Related Work & Insights¶
- Relation to Temperature Scaling (Guo et al. 2017): TS is the foundational method but requires labels; DACA substitutes PLM confidence for labels, representing the first label-free post-hoc calibration approach.
- Comparison with CAPE (Jiang et al. 2023): CAPE calibrates by permuting option order as a form of prompt engineering; DACA is a principled method that achieves superior performance.
- Comparison with Shen et al. 2024 (Thermometer): Thermometer trains an auxiliary model to predict temperature, requiring labels and training; DACA requires neither.
- Insight: The calibration properties of PLMs constitute an underutilized asset that can be more effectively exploited within the post-training pipeline.
Rating¶
- Novelty: ⭐⭐⭐⭐⭐ — First label-free post-hoc calibration method for LLMs; the core insight is deep and elegant.
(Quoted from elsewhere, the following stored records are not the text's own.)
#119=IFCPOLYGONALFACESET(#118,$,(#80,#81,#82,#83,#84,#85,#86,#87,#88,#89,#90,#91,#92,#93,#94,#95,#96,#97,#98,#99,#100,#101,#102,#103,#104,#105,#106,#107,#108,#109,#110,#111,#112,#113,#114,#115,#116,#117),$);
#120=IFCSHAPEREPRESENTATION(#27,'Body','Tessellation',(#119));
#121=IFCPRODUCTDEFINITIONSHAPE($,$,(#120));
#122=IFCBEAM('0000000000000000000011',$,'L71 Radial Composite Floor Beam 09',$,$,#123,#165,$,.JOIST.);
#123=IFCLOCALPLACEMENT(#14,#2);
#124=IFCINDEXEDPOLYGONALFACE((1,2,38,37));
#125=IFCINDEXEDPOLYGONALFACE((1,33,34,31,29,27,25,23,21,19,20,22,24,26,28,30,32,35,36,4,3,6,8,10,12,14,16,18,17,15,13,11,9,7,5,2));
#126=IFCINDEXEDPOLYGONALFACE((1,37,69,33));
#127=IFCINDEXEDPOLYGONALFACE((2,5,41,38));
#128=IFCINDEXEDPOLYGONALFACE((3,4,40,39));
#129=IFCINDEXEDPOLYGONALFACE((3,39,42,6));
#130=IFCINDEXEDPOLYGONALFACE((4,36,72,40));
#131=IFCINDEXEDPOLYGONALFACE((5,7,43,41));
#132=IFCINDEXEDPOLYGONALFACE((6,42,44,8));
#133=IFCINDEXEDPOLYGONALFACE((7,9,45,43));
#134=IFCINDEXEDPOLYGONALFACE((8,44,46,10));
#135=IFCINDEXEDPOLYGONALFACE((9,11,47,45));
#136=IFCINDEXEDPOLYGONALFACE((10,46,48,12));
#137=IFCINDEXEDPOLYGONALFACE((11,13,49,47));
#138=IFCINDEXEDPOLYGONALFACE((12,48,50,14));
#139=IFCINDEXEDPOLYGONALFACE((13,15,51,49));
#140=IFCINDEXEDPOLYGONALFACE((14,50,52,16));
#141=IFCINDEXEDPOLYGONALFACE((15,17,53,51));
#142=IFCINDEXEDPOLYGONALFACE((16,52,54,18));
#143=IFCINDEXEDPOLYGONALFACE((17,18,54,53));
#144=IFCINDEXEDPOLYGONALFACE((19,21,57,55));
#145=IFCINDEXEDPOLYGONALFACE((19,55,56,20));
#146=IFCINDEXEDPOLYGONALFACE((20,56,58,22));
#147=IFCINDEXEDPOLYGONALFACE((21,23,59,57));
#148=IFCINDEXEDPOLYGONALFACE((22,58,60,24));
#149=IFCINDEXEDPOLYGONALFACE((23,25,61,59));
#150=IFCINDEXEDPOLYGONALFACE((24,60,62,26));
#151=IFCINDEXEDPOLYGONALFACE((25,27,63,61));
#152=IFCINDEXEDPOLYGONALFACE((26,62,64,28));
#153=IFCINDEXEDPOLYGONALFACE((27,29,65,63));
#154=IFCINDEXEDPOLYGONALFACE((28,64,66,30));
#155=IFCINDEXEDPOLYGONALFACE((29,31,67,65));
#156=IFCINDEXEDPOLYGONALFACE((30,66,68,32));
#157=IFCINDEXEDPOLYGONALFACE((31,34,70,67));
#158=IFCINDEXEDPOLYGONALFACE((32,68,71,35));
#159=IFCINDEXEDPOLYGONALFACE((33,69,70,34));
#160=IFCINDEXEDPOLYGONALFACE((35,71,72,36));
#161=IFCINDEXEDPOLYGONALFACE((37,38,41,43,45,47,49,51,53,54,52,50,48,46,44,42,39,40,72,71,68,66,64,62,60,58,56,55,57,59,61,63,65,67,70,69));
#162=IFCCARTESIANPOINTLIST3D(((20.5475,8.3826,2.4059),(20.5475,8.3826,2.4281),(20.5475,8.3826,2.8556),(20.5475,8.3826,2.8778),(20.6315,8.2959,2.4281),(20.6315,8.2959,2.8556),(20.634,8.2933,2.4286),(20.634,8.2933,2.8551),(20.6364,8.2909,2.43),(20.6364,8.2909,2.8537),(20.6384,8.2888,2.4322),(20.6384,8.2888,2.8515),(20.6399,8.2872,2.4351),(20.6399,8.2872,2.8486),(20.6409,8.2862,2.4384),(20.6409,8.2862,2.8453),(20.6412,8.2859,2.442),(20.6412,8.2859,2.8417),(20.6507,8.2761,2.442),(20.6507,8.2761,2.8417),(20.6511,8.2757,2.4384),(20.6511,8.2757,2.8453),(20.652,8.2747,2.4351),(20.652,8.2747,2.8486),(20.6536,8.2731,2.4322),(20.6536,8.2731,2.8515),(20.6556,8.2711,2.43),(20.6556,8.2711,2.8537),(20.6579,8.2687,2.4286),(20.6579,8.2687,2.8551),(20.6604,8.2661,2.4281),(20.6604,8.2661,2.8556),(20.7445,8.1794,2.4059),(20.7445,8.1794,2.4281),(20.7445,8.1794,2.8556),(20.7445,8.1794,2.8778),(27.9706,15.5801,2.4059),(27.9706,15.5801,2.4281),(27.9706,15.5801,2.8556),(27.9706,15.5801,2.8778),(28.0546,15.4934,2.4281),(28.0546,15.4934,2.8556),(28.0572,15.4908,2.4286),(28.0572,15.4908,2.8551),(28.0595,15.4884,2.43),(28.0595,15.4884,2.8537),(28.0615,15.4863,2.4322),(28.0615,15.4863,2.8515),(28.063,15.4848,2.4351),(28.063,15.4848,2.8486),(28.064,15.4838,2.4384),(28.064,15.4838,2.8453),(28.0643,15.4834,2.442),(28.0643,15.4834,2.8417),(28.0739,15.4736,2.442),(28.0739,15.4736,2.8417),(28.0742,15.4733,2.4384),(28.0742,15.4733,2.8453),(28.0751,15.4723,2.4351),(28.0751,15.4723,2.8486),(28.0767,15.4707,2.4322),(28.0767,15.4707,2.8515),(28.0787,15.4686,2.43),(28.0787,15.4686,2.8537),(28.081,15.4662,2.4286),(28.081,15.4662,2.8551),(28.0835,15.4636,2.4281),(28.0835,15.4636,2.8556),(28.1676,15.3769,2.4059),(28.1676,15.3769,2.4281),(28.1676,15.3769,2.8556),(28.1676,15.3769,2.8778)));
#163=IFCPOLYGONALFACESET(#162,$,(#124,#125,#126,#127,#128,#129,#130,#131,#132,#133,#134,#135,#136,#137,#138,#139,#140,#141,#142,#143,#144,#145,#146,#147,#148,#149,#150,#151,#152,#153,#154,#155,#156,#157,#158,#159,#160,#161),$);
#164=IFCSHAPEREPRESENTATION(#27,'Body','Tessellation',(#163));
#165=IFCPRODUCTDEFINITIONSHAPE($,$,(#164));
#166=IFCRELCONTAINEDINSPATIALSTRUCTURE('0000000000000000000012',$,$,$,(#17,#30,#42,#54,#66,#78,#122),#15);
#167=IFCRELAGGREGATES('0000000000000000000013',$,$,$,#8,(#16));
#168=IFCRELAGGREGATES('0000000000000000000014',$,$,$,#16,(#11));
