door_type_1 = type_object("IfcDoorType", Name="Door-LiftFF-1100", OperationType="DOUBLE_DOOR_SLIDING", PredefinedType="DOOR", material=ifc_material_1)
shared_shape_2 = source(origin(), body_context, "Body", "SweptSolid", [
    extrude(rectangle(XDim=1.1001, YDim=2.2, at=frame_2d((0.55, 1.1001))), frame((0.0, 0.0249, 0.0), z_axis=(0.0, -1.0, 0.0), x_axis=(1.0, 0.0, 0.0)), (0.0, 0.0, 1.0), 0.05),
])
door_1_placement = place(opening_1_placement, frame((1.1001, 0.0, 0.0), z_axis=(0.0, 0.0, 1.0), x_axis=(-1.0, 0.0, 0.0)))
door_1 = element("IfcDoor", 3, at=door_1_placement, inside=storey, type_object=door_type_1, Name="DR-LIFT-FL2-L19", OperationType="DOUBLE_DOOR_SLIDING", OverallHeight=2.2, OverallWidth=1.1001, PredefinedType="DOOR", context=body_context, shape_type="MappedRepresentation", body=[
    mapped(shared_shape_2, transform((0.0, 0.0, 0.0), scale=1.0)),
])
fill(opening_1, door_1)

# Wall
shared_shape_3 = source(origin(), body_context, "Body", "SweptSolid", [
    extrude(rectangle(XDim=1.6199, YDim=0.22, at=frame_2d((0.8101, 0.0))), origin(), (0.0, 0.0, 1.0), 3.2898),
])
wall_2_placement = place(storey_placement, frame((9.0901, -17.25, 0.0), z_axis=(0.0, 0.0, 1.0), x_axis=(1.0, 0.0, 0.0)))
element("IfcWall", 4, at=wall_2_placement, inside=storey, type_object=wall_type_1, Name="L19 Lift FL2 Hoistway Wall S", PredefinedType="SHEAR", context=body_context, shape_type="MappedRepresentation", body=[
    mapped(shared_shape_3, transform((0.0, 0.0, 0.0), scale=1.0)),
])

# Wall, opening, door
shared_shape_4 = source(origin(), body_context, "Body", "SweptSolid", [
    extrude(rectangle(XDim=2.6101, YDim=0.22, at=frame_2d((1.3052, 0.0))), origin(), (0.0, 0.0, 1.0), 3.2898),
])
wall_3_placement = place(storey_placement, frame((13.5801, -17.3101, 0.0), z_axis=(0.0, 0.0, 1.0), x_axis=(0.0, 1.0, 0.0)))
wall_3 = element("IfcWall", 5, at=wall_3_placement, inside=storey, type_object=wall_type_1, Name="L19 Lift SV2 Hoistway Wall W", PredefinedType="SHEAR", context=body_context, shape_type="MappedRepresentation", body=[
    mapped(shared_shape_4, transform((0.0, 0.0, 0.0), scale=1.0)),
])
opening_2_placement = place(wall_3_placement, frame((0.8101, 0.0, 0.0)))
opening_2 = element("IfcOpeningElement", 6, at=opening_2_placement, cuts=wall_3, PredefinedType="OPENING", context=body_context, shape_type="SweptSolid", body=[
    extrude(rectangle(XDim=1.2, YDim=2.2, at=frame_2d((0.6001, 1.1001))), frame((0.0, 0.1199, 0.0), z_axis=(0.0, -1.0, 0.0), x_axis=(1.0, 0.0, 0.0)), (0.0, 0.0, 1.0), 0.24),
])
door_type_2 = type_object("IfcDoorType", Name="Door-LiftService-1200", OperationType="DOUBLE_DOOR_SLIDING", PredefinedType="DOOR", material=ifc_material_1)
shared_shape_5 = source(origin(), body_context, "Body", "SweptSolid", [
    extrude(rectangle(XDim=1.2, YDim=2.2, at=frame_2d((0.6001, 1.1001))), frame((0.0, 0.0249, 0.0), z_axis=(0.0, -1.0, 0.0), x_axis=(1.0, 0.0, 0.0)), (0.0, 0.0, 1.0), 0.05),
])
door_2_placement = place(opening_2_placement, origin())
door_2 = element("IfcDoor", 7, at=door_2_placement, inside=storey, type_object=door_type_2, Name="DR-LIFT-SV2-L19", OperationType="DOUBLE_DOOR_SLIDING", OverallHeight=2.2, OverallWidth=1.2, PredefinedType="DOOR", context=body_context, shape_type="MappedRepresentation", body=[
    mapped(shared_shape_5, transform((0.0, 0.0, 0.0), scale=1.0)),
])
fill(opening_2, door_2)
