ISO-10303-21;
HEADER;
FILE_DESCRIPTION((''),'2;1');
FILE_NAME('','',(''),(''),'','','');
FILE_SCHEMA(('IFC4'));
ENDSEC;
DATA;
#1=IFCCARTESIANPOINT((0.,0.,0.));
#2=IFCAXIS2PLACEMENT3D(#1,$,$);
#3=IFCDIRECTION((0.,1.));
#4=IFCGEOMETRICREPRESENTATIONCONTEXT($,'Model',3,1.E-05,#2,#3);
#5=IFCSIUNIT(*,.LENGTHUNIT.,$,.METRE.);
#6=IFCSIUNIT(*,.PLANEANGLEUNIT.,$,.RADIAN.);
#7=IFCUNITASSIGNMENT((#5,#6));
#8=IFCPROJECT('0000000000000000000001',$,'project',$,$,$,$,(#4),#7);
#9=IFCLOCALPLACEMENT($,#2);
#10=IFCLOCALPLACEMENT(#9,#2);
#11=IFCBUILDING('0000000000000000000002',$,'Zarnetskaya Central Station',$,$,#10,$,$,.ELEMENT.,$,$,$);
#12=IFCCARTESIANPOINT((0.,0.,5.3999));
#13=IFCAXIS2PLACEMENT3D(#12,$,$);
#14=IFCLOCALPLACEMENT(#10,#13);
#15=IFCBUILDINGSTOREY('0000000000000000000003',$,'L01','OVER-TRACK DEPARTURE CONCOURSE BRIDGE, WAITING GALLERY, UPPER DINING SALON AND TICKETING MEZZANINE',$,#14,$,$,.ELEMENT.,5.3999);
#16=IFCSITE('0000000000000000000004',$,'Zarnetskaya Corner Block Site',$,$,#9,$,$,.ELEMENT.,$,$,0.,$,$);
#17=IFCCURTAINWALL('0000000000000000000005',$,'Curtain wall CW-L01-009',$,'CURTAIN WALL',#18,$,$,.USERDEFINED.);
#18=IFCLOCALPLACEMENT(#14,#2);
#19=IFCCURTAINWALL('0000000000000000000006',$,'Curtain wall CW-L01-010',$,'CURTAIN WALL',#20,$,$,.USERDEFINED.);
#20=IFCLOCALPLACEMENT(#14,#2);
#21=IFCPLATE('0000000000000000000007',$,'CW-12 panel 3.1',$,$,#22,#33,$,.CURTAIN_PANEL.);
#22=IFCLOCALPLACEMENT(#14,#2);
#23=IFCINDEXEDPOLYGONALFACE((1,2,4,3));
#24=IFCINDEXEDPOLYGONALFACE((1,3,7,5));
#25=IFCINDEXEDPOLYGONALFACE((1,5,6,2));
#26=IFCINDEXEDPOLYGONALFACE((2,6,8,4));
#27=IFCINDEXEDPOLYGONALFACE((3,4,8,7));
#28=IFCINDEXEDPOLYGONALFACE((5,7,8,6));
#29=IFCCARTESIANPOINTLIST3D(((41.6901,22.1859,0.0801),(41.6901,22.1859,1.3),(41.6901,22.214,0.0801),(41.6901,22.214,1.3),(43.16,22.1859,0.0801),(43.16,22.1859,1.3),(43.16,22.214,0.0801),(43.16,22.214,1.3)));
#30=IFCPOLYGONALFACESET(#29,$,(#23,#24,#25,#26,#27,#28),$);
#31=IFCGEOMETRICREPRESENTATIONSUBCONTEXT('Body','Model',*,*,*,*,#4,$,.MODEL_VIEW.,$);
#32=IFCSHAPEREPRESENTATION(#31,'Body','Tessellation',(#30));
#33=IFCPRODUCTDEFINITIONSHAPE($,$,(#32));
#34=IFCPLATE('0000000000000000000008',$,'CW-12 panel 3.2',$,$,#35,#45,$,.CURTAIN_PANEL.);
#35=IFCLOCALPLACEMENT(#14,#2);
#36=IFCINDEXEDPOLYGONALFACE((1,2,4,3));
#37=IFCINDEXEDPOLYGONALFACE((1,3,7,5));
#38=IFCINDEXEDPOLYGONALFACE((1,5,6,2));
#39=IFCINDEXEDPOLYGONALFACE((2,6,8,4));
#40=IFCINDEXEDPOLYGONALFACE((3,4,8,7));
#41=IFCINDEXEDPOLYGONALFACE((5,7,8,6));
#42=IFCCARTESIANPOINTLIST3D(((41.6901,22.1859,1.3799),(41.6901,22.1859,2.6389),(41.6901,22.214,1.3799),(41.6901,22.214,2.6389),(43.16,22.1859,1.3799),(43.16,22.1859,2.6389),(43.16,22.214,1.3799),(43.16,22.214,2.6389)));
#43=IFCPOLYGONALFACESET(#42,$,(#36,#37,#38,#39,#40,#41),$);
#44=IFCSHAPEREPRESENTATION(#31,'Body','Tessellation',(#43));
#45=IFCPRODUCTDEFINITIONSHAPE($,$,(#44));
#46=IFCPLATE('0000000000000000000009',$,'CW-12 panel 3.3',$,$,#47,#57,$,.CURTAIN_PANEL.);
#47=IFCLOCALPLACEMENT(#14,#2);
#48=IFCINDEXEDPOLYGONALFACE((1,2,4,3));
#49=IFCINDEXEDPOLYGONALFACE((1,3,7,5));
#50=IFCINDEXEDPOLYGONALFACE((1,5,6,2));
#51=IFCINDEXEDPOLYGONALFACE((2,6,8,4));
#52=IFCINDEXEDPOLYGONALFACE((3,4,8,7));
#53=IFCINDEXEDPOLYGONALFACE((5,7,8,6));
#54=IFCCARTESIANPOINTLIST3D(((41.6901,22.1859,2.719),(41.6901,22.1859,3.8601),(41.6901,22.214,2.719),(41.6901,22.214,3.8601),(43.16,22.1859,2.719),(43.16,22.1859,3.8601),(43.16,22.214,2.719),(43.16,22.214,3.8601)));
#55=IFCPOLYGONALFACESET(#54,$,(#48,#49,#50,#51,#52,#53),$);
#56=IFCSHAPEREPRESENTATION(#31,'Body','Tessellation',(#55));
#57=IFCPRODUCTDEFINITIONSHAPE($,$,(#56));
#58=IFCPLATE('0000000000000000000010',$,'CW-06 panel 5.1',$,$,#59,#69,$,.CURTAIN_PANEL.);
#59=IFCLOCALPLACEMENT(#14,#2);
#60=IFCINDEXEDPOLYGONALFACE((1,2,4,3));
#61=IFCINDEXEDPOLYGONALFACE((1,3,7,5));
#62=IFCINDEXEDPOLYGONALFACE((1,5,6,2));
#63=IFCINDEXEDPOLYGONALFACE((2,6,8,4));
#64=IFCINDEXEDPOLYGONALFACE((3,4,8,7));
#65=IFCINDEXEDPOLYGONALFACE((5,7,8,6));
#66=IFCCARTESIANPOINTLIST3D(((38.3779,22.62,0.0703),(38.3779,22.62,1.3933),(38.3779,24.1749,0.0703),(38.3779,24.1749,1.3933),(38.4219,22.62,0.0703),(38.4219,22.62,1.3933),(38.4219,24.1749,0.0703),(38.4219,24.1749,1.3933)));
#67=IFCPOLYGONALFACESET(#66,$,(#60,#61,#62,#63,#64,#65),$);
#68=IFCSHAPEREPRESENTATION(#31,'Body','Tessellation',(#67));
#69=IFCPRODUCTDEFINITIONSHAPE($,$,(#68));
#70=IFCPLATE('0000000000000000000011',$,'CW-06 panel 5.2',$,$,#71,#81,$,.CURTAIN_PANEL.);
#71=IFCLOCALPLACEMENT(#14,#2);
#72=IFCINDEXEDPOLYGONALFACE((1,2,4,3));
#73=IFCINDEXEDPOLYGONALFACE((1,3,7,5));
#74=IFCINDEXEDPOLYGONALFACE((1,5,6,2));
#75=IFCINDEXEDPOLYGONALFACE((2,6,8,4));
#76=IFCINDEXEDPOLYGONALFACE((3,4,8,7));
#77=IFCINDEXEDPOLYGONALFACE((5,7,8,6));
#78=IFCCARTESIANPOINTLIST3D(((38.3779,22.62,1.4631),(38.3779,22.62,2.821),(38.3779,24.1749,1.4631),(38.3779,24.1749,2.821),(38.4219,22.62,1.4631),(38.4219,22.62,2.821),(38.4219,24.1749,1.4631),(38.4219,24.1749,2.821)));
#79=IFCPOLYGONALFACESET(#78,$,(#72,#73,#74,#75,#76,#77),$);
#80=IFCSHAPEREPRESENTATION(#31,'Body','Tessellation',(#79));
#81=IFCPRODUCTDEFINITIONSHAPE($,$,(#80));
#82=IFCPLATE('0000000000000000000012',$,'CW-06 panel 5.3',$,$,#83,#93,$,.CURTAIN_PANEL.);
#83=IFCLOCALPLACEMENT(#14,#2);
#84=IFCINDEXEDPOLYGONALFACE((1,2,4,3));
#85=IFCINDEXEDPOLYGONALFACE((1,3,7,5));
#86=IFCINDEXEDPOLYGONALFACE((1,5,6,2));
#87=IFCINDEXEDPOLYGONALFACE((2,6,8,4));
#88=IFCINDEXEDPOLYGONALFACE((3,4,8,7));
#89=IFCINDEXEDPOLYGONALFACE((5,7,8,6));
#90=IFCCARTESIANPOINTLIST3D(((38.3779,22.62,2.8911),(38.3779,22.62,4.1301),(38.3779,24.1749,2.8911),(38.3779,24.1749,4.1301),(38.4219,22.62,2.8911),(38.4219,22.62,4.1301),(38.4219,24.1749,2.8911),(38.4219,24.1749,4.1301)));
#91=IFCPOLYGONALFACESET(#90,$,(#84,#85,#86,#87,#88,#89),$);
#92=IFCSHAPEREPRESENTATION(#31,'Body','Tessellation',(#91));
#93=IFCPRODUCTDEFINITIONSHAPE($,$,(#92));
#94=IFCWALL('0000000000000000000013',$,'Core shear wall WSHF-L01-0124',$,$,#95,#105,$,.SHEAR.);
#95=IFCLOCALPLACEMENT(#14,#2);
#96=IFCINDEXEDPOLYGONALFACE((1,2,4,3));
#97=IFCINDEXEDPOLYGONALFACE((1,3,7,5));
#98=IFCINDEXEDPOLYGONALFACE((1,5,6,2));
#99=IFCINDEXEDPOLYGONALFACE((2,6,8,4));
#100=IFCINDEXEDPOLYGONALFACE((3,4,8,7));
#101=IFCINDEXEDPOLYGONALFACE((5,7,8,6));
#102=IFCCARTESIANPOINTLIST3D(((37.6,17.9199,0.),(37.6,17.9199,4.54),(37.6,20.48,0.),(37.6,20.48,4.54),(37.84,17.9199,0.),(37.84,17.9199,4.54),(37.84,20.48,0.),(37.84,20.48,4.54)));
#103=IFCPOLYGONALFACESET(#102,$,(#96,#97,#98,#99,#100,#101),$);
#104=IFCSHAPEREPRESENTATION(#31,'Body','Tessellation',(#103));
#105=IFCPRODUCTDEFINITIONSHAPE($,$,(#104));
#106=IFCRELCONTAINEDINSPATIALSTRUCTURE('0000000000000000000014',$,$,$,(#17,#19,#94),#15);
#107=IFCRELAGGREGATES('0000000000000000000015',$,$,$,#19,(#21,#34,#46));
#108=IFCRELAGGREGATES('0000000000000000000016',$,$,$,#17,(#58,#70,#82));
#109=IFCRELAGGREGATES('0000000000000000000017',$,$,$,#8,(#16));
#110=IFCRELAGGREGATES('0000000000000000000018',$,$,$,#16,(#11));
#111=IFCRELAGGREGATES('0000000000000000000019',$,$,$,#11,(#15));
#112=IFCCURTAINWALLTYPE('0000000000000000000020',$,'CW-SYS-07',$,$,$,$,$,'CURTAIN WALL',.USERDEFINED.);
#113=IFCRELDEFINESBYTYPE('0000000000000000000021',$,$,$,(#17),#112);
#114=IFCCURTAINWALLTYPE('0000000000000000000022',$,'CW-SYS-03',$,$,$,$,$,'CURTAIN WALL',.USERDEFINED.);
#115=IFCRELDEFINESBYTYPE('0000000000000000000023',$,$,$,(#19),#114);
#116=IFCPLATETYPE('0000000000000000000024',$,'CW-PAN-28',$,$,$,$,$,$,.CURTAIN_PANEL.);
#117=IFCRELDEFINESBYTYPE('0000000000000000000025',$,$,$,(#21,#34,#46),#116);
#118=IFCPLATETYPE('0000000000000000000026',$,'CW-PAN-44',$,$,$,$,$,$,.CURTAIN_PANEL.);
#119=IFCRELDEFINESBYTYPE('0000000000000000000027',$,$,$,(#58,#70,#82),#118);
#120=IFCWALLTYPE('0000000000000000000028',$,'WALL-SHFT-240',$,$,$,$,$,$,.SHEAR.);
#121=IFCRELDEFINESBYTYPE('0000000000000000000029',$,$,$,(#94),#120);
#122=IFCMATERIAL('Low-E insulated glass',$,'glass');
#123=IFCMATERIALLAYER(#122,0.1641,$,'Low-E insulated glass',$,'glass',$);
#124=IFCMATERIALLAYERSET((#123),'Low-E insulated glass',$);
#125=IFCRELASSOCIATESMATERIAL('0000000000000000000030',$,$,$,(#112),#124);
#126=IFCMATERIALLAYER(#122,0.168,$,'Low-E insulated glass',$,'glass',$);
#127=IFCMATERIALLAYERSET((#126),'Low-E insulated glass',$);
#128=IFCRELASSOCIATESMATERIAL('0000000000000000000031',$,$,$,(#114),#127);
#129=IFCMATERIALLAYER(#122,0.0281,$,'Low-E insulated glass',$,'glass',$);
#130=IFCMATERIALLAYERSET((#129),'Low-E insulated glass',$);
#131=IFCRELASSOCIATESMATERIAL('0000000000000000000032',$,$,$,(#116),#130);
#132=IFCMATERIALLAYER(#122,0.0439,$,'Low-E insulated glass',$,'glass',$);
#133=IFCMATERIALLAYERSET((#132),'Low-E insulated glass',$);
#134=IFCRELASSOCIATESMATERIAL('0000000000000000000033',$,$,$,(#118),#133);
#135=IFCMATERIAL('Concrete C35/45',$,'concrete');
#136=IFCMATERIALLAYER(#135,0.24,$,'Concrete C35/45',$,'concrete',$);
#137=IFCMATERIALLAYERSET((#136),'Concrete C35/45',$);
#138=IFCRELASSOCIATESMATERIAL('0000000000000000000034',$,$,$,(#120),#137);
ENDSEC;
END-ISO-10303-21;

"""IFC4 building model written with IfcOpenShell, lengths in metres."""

from ifc_helpers import new_model, si_unit, direction, frame, frame_2d, origin, origin_2d, place, context, subcontext, project, spatial, rectangle, extrude, material, layer, layer_set, type_object, element, aggregate, save


model = new_model("IFC4")

# Units and contexts
model_context = context("Model", 3, precision=1e-05, world=origin(), true_north=direction((0.0, 1.0)))
body_context = subcontext(model_context, "Body", "Model", "MODEL_VIEW")
ifc_project = project(units=[si_unit("LENGTHUNIT", "METRE"), si_unit("PLANEANGLEUNIT", "RADIAN")], contexts=[model_context])

# Site, building, storey
site_placement = place(None, origin())
site = spatial("IfcSite", under=ifc_project, at=site_placement, Name="Zarnetskaya Corner Block Site", CompositionType="ELEMENT", RefElevation=0.0)
building_placement = place(site_placement, origin())
building = spatial("IfcBuilding", under=site, at=building_placement, Name="Zarnetskaya Central Station", CompositionType="ELEMENT")
storey_placement = place(building_placement, frame((0.0, 0.0, 5.3999)))
storey = spatial("IfcBuildingStorey", under=building, at=storey_placement, Name="L01", Description="OVER-TRACK DEPARTURE CONCOURSE BRIDGE, WAITING GALLERY, UPPER DINING SALON AND TICKETING MEZZANINE", CompositionType="ELEMENT", Elevation=5.3999)

# Curtain wall
ifc_material_1 = material(Name="Low-E insulated glass", Category="glass")
ifc_layer_1 = layer(ifc_material_1, 0.1641, Name="Low-E insulated glass", Category="glass")
ifc_layer_set_1 = layer_set([ifc_layer_1], Name="Low-E insulated glass")
curtain_wall_type_1 = type_object("IfcCurtainWallType", Name="CW-SYS-07", ElementType="CURTAIN WALL", PredefinedType="USERDEFINED", material=ifc_layer_set_1)
curtain_wall_1_placement = place(storey_placement, origin())
curtain_wall_1 = element("IfcCurtainWall", 1, at=curtain_wall_1_placement, inside=storey, type_object=curtain_wall_type_1, Name="Curtain wall CW-L01-009", ObjectType="CURTAIN WALL", PredefinedType="USERDEFINED")

# Curtain wall
ifc_layer_2 = layer(ifc_material_1, 0.168, Name="Low-E insulated glass", Category="glass")
ifc_layer_set_2 = layer_set([ifc_layer_2], Name="Low-E insulated glass")
curtain_wall_type_2 = type_object("IfcCurtainWallType", Name="CW-SYS-03", ElementType="CURTAIN WALL", PredefinedType="USERDEFINED", material=ifc_layer_set_2)
curtain_wall_2_placement = place(storey_placement, origin())
curtain_wall_2 = element("IfcCurtainWall", 2, at=curtain_wall_2_placement, inside=storey, type_object=curtain_wall_type_2, Name="Curtain wall CW-L01-010", ObjectType="CURTAIN WALL", PredefinedType="USERDEFINED")

# Plates
ifc_layer_3 = layer(ifc_material_1, 0.0281, Name="Low-E insulated glass", Category="glass")
ifc_layer_set_3 = layer_set([ifc_layer_3], Name="Low-E insulated glass")
plate_type_1 = type_object("IfcPlateType", Name="CW-PAN-28", PredefinedType="CURTAIN_PANEL", material=ifc_layer_set_3)
plate_1_placement = place(storey_placement, frame((42.425, 22.2, 0.0801), z_axis=(0.0, 0.0, 1.0), x_axis=(1.0, 0.0, 0.0)))
plate_1 = element("IfcPlate", 3, at=plate_1_placement, type_object=plate_type_1, Name="CW-12 panel 3.1", PredefinedType="CURTAIN_PANEL", context=body_context, shape_type="SweptSolid", body=[
    extrude(rectangle(XDim=1.47, YDim=0.0281, at=origin_2d()), origin(), (0.0, 0.0, 1.0), 1.22),
])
- Experimental Thoroughness: ⭐⭐⭐⭐⭐ — Comprehensive coverage of multiple model families, scales, post-training strategies, datasets, and both open- and closed-source models.
- Writing Quality: ⭐⭐⭐⭐ — Theoretical derivations are clear, experimental presentation is well-structured, and the transition from motivation to method is natural.
- Value: ⭐⭐⭐⭐⭐ — Addresses a core pain point in LLM deployment; the method is simple, practical, and immediately deployable.